In other words, the true relationship between \(x_1\) and \(Y\) is linear, with 5 units of irreducible
error. These data can be found at the URL given below:
https://remiller1450.github.io/data/toy_linear_data.csv
- Part A: In your own words, explain whether a KNN
regressor or decision tree model is better suited to estimating the true
\(f()\). You should rely upon
conceptual arguments in favor of your chosen method, not empirical
investigations using the provided data.
- Part B: Use a for loop to create your own
implementation of 4-fold cross validation for a decision tree model with
a maximum depth of 4. You are encouraged to look at the pseudocode in
our slides, and you should use the
random.choices()
function in numpy
to sample fold indices with replacement.
Use your implementation to report the cross-validated RMSE.
- Part C: Replace the decision tree model in your
cross validation loop with a
LinearRegression
model from
the linear_model
library of sklearn
. How does
the change in model impact the cross-validated RMSE?
- Part D: The decision tree model in Part B used a
maximum depth of 4. If you performed a grid search allowing this
hyperparameter to be any integer, would you expect to find one that
produces a cross-validated RMSE as low as the linear regression modeling
approach in Part C? Briefly explain. Note: you should make a
conceptual argument and should not actually perform a grid
search.
\(~\)
Question #4 (Application)
For this question you should use the dataset available here:
https://remiller1450.github.io/data/beans.csv
This data set was constructed using a computer vision system that
segmented 13,611 images of 7 types of dry beans, extracting 16 features
(12 dimensional features, 4 shape-form features).

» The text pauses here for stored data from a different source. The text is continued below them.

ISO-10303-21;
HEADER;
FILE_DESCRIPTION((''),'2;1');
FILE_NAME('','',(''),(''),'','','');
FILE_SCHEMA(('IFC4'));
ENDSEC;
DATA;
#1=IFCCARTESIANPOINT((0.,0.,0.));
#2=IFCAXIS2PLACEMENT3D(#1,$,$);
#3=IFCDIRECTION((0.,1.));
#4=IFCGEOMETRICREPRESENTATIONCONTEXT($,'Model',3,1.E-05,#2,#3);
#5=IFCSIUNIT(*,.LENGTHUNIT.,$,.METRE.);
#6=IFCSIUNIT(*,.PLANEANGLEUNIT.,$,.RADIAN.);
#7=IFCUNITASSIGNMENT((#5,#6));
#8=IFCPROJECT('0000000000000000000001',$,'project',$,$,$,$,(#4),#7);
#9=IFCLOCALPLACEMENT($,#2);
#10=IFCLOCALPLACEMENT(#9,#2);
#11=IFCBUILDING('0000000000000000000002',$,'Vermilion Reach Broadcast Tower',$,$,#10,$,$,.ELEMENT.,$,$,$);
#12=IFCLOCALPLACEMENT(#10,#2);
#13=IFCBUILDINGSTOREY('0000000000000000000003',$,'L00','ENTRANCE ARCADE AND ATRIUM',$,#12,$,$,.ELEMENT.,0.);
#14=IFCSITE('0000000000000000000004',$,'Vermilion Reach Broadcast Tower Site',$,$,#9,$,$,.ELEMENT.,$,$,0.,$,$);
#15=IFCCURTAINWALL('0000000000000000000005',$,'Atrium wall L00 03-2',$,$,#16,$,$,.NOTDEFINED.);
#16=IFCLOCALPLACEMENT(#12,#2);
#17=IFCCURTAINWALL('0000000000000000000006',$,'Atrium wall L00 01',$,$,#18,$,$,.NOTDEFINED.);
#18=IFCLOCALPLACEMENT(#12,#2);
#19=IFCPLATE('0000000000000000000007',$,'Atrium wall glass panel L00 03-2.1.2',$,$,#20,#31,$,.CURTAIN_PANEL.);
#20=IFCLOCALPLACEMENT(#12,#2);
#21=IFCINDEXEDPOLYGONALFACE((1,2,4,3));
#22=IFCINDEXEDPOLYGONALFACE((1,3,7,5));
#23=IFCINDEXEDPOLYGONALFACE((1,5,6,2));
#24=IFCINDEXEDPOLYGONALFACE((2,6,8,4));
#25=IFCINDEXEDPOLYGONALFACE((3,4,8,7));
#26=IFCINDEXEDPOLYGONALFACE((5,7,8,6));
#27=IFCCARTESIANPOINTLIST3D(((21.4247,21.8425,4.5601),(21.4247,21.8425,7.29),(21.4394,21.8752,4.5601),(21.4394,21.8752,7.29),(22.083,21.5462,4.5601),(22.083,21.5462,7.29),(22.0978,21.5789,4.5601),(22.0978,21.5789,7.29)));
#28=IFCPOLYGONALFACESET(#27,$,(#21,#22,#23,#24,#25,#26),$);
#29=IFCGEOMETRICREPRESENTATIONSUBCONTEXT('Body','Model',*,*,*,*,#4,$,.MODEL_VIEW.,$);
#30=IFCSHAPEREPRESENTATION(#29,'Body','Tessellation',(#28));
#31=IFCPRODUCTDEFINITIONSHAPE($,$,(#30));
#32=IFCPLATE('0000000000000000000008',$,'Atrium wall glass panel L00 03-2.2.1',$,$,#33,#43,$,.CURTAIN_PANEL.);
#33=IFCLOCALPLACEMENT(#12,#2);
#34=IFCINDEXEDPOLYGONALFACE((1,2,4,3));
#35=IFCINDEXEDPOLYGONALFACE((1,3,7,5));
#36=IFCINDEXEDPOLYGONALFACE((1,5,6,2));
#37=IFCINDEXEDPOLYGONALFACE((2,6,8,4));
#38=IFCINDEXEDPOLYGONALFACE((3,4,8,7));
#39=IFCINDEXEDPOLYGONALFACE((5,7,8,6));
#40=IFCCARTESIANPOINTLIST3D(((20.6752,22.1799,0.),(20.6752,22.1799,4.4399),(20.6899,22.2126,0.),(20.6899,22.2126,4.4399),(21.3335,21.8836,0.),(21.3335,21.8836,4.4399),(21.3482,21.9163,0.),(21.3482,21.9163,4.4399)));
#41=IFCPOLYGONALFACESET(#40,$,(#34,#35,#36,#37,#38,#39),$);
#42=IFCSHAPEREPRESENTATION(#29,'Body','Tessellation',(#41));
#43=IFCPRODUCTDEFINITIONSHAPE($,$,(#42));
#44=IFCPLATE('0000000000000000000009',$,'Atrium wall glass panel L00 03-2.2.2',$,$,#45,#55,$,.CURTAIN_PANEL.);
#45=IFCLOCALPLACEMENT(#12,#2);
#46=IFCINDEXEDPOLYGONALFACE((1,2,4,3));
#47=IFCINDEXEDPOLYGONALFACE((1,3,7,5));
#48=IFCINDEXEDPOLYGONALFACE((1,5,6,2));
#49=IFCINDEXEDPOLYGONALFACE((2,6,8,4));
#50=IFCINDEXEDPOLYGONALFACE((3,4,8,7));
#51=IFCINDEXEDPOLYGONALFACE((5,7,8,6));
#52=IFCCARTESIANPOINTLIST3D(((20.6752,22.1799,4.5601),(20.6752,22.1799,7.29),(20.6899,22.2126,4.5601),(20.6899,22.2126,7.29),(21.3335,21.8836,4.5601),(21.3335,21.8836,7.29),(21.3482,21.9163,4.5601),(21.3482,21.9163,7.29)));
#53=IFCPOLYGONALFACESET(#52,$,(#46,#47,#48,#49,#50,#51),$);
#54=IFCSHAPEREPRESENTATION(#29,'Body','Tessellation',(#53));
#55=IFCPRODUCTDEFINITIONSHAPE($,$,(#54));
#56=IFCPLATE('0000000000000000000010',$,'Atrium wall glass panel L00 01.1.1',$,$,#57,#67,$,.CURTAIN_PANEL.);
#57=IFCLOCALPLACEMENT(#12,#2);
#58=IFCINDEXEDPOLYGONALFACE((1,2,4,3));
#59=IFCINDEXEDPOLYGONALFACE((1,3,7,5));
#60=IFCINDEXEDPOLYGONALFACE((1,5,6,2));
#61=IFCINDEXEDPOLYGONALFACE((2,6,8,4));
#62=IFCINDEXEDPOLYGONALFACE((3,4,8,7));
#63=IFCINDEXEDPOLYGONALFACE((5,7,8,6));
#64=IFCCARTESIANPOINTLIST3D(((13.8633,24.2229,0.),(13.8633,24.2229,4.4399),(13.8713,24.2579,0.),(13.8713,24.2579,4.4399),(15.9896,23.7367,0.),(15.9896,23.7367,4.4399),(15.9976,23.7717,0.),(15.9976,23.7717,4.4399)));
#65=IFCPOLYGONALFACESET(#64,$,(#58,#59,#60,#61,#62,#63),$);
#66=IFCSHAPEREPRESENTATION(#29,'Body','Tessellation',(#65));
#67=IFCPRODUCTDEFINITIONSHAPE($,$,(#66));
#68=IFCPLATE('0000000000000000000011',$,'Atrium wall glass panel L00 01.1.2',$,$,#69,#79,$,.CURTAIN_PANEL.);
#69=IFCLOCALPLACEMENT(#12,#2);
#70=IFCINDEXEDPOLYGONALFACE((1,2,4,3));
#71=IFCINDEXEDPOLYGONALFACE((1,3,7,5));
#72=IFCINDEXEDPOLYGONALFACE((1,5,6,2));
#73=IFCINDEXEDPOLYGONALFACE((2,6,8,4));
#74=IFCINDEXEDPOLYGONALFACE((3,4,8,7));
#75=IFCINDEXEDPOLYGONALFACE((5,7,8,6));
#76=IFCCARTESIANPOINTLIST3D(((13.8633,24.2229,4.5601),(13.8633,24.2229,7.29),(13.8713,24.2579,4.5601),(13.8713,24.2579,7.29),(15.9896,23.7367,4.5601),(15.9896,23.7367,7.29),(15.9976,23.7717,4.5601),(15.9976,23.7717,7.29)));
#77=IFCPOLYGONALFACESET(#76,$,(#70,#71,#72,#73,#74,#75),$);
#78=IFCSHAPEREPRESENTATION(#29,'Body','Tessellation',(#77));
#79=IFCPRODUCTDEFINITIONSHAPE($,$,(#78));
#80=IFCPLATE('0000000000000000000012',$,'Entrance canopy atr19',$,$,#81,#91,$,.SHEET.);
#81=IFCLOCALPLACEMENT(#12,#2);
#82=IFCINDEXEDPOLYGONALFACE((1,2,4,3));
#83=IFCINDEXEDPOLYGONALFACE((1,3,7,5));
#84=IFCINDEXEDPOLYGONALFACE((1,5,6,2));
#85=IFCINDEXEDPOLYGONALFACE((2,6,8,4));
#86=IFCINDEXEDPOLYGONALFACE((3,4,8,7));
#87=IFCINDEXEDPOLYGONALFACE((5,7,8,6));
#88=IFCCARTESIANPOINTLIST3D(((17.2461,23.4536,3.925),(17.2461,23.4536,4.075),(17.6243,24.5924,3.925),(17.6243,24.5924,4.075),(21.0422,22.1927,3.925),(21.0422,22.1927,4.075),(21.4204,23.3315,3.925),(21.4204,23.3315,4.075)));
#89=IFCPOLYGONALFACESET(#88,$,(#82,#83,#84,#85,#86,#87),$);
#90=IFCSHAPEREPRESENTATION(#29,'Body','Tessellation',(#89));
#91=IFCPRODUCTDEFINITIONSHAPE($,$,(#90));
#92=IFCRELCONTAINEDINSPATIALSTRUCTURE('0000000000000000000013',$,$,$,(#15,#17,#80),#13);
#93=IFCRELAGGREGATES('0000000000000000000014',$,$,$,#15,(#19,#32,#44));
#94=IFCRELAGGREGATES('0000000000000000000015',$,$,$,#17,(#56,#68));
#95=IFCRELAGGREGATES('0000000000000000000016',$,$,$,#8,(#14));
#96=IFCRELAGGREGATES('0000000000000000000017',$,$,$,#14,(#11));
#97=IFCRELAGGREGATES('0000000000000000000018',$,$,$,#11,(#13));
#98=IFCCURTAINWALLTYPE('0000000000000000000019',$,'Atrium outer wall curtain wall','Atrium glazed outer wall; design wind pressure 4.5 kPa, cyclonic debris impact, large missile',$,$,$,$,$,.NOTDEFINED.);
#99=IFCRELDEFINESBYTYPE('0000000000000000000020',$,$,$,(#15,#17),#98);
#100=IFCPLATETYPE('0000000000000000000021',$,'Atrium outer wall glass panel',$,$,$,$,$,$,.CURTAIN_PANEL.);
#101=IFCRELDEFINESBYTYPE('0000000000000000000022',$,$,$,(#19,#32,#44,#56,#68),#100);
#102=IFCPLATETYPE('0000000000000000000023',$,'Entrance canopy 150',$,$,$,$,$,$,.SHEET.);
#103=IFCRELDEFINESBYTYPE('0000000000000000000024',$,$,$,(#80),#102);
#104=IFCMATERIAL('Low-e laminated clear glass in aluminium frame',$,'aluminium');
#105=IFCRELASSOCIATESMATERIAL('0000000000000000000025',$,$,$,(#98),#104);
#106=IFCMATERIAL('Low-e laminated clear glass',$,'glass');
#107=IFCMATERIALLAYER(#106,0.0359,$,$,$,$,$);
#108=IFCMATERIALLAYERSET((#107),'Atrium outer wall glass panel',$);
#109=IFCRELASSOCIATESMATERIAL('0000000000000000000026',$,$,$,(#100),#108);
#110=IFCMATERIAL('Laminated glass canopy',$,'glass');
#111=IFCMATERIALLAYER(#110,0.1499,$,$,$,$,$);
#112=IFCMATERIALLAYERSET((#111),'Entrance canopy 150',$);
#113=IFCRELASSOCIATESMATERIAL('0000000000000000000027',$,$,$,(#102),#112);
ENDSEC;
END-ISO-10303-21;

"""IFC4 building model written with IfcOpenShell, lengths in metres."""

from ifc_helpers import new_model, si_unit, direction, frame, origin, origin_2d, place, context, subcontext, project, spatial, rectangle, extrude, material, layer, layer_set, type_object, element, aggregate, save


model = new_model("IFC4")

# Units and contexts
model_context = context("Model", 3, precision=1e-05, world=origin(), true_north=direction((0.0, 1.0)))
body_context = subcontext(model_context, "Body", "Model", "MODEL_VIEW")
ifc_project = project(units=[si_unit("LENGTHUNIT", "METRE"), si_unit("PLANEANGLEUNIT", "RADIAN")], contexts=[model_context])

# Site, building, storey
site_placement = place(None, origin())
site = spatial("IfcSite", under=ifc_project, at=site_placement, Name="Vermilion Reach Broadcast Tower Site", CompositionType="ELEMENT", RefElevation=0.0)
building_placement = place(site_placement, origin())
building = spatial("IfcBuilding", under=site, at=building_placement, Name="Vermilion Reach Broadcast Tower", CompositionType="ELEMENT")
storey_placement = place(building_placement, origin())
storey = spatial("IfcBuildingStorey", under=building, at=storey_placement, Name="L00", Description="ENTRANCE ARCADE AND ATRIUM", CompositionType="ELEMENT", Elevation=0.0)

# Shared definitions
ifc_material_1 = material(Name="Low-e laminated clear glass in aluminium frame", Category="aluminium")
curtain_wall_type = type_object("IfcCurtainWallType", Name="Atrium outer wall curtain wall", Description="Atrium glazed outer wall; design wind pressure 4.5 kPa, cyclonic debris impact, large missile", PredefinedType="NOTDEFINED", material=ifc_material_1)
placement = place(storey_placement, origin())

# Curtain wall
curtain_wall_1 = element("IfcCurtainWall", 1, at=placement, inside=storey, type_object=curtain_wall_type, Name="Atrium wall L00 03-2", PredefinedType="NOTDEFINED")

# Curtain wall
curtain_wall_2 = element("IfcCurtainWall", 2, at=placement, inside=storey, type_object=curtain_wall_type, Name="Atrium wall L00 01", PredefinedType="NOTDEFINED")

# Plates
ifc_material_2 = material(Name="Low-e laminated clear glass", Category="glass")
ifc_layer_1 = layer(ifc_material_2, 0.0359)
ifc_layer_set_1 = layer_set([ifc_layer_1], Name="Atrium outer wall glass panel")
plate_type_1 = type_object("IfcPlateType", Name="Atrium outer wall glass panel", PredefinedType="CURTAIN_PANEL", material=ifc_layer_set_1)
plate_1_placement = place(storey_placement, frame((21.7612, 21.7107, 4.5601), z_axis=(0.0, 0.0, 1.0), x_axis=(-0.911902, 0.410408, 0.0)))
plate_1 = element("IfcPlate", 3, at=plate_1_placement, type_object=plate_type_1, Name="Atrium wall glass panel L00 03-2.1.2", PredefinedType="CURTAIN_PANEL", context=body_context, shape_type="SweptSolid", body=[
    extrude(rectangle(XDim=0.7219, YDim=0.0359, at=origin_2d()), origin(), (0.0, 0.0, 1.0), 2.73),
])
plate_2_placement = place(storey_placement, frame((21.0117, 22.0481, 0.0), z_axis=(0.0, 0.0, 1.0), x_axis=(-0.911902, 0.410408, 0.0)))
plate_2 = element("IfcPlate", 4, at=plate_2_placement, type_object=plate_type_1, Name="Atrium wall glass panel L00 03-2.2.1", PredefinedType="CURTAIN_PANEL", context=body_context, shape_type="SweptSolid", body=[
    extrude(rectangle(XDim=0.7219, YDim=0.0359, at=origin_2d()), origin(), (0.0, 0.0, 1.0), 4.4399),
])
plate_3_placement = place(storey_placement, frame((21.0117, 22.0481, 4.5601), z_axis=(0.0, 0.0, 1.0), x_axis=(-0.911902, 0.410408, 0.0)))
plate_3 = element("IfcPlate", 5, at=plate_3_placement, type_object=plate_type_1, Name="Atrium wall glass panel L00 03-2.2.2", PredefinedType="CURTAIN_PANEL", context=body_context, shape_type="SweptSolid", body=[
    extrude(rectangle(XDim=0.7219, YDim=0.0359, at=origin_2d()), origin(), (0.0, 0.0, 1.0), 2.73),
])
aggregate(curtain_wall_1, [plate_1, plate_2, plate_3])
plate_4_placement = place(storey_placement, frame((14.9304, 23.9973, 0.0), z_axis=(0.0, 0.0, 1.0), x_axis=(-0.974843, 0.222892, 0.0)))
plate_4 = element("IfcPlate", 6, at=plate_4_placement, type_object=plate_type_1, Name="Atrium wall glass panel L00 01.1.1", PredefinedType="CURTAIN_PANEL", context=body_context, shape_type="SweptSolid", body=[
    extrude(rectangle(XDim=2.1812, YDim=0.0359, at=origin_2d()), origin(), (0.0, 0.0, 1.0), 4.4399),
])
plate_5_placement = place(storey_placement, frame((14.9304, 23.9973, 4.5601), z_axis=(0.0, 0.0, 1.0), x_axis=(-0.974843, 0.222892, 0.0)))
plate_5 = element("IfcPlate", 7, at=plate_5_placement, type_object=plate_type_1, Name="Atrium wall glass panel L00 01.1.2", PredefinedType="CURTAIN_PANEL", context=body_context, shape_type="SweptSolid", body=[
    extrude(rectangle(XDim=2.1812, YDim=0.0359, at=origin_2d()), origin(), (0.0, 0.0, 1.0), 2.73),
])
aggregate(curtain_wall_2, [plate_4, plate_5])
ifc_material_3 = material(Name="Laminated glass canopy", Category="glass")
ifc_layer_2 = layer(ifc_material_3, 0.1499)
ifc_layer_set_2 = layer_set([ifc_layer_2], Name="Entrance canopy 150")
plate_type_2 = type_object("IfcPlateType", Name="Entrance canopy 150", PredefinedType="SHEET", material=ifc_layer_set_2)
plate_6_placement = place(storey_placement, frame((19.3333, 23.3926, 3.925), z_axis=(0.0, 0.0, 1.0), x_axis=(0.949016, -0.315228, 0.0)))
element("IfcPlate", 8, at=plate_6_placement, inside=storey, type_object=plate_type_2, Name="Entrance canopy atr19", PredefinedType="SHEET", context=body_context, shape_type="SweptSolid", body=[
    extrude(rectangle(XDim=4.0, YDim=1.2, at=origin_2d()), origin(), (0.0, 0.0, 1.0), 0.1499),
])

save(model, "model.ifc")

Additional details are
contained in
this paper
The following questions should be answered using Python code,
including functions in the sklearn
library. Unless
otherwise indicated, use the 'accuracy'
scoring criteria
during model tuning and evaluation.
- Part A: Read these data into Python and perform a
90-10 training-testing split using
random_state=1
.
- Part B: Separate the outcome, “Class”, from the
predictors and create a histogram of every predictor. Based on these
histograms, do you think that re-scaling and/or transformation should be
part of a data preparation pipeline? You may assume that the pipeline
will consider models like KNN that are sensitive to the scale and
distribution of the predictors.
- Part C: Perform a cross-validated grid search and
show a data frame displaying the top 5 best performing methods while
satisfying the following guidelines:
- Consideration of at least two pre-processing options in the form of
re-scaling, transformation, or “passthrough” consistent with your
assessment in Part B
- Consideration of several KNN models with at least 3 choices of \(k\) and either uniform or distance
weighting
- Consideration of several decision tree models with at least 3
choices of maximum depth
- Your approach should not explore re-scaling or
transformation for decision tree models
- Part D: Create a visualization of the confusion
matrix for your best estimator from Part C that displays
classification results for the test data. Report the most common
type of misclassification made by the model.
- Part E: Report both the macro-averaged and
micro-averaged F1-scores of the best classification approach on the
test data. Which of these approaches (macro or micro averaging) do
you believe is more appropriate for this application? Or are both
approaches reasonable? Briefly explain.